To be clear, it is completely ok to have teams that are focused on technologies (e.g., storage, compute, service meshes or frameworks) as long as they build libraries and platforms that have stable APIs, have an independent lifecycle, and are free of business logic.
Large Teams with Blurred Boundaries
It is great to be a part of a high-trust low-turnover tightly-knit team with a strong sense of identity. Also known as ”jelled teams,” such teams are more productive, a pleasure to manage, and a great environment to learn. Another task that these teams excel at is service ownership. End-to-end service ownership aligns incentives between product, development, and operations. It creates a feedback loop from production, a sense of a long-term investment and, as a result, an incentive to keep tech debt and architecture decay in check through refactoring, thoughtful design, and automation. Furthermore, it helps the team to become experts in their business domain and get more involved in the product development process. Finally, a team with clear boundaries is better positioned to build microservices that have clear boundaries as well.

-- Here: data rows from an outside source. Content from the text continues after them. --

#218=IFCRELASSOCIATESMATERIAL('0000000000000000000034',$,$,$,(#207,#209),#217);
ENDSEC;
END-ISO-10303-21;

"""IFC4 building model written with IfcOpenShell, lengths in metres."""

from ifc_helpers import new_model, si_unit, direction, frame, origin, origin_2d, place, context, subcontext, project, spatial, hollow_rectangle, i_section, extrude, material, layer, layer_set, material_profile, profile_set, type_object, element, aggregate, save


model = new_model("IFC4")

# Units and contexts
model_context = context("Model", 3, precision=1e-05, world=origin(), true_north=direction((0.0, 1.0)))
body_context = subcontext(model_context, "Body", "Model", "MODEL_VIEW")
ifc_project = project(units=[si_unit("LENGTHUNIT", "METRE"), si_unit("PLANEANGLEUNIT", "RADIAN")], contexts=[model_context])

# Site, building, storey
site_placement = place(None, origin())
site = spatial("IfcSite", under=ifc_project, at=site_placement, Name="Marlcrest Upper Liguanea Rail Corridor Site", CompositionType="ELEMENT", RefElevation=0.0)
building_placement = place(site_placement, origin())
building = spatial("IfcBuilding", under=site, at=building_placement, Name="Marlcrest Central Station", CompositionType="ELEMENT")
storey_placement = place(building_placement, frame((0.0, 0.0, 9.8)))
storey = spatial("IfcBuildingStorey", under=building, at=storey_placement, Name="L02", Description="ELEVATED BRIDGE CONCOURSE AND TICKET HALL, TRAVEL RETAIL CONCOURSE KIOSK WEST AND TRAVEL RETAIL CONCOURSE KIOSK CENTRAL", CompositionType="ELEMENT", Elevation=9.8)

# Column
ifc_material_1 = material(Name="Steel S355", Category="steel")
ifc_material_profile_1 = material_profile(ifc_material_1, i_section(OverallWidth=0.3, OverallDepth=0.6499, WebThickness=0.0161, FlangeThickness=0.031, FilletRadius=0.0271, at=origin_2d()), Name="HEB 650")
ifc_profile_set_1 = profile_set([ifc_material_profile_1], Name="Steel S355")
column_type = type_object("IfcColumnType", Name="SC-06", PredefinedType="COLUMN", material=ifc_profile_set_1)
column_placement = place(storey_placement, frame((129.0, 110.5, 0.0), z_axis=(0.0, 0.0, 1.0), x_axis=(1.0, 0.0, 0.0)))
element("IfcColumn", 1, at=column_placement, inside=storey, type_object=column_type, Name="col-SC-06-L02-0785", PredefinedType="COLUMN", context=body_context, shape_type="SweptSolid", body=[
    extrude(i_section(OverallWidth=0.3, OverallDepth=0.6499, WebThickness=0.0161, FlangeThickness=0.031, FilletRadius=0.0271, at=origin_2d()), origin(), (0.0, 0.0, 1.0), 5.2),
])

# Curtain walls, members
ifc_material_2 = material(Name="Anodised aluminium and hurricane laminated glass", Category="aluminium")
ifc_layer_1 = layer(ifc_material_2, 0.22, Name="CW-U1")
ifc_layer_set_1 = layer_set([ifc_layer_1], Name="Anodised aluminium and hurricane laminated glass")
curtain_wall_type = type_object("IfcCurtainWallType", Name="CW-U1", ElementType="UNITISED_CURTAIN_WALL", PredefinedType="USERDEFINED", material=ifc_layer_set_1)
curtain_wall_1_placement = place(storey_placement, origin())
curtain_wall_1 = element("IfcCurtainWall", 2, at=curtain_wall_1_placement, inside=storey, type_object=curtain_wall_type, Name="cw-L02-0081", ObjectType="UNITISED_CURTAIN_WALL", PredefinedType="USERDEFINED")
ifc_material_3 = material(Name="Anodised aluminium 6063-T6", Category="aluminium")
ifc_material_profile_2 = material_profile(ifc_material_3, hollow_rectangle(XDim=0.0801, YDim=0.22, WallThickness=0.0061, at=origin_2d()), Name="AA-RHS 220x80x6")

There are many reasons why we often see blurred team boundaries and the resulting shared ownership of services, from setting up feature teams that contribute to multiple services, to letting anyone commit to a service codebase in order to overcome delivery bottlenecks, to the desire for better collaboration and knowledge sharing. While blurring team boundaries in the name of collaboration might sound and feel good, the long-term effects are harmful both to the teams and the systems they build. Compare this with object-oriented design: we build classes to collaborate, yet we also try to hide their implementation details as much as possible from the outside world. We don’t do this because we are secretive or greedy, but to reduce complexity for the collaborators of a class and to prevent coupling to the implementation details. The same logic applies to teams: we establish clear boundaries not because we don’t want to work with other teams, but because this is the only way to scale an engineering organization. Developers should be able to understand and update the code of a service without knowing anything about the internals of its peer services or the inner workings of the teams they collaborate with.
Breaking up Human Monolith
More than any particular advice on what to do, it’s important to remember the end goal of deploying microservice architectures (scaling the engineering organization) and to monitor the right metrics such as the frequency of production deployments and lead time of feature development. Services have to be independently deployable, they have to fail independently, and they have to be highly autonomous. For this to work, both services and teams that own them must focus on the end-to-end delivery of a business capability.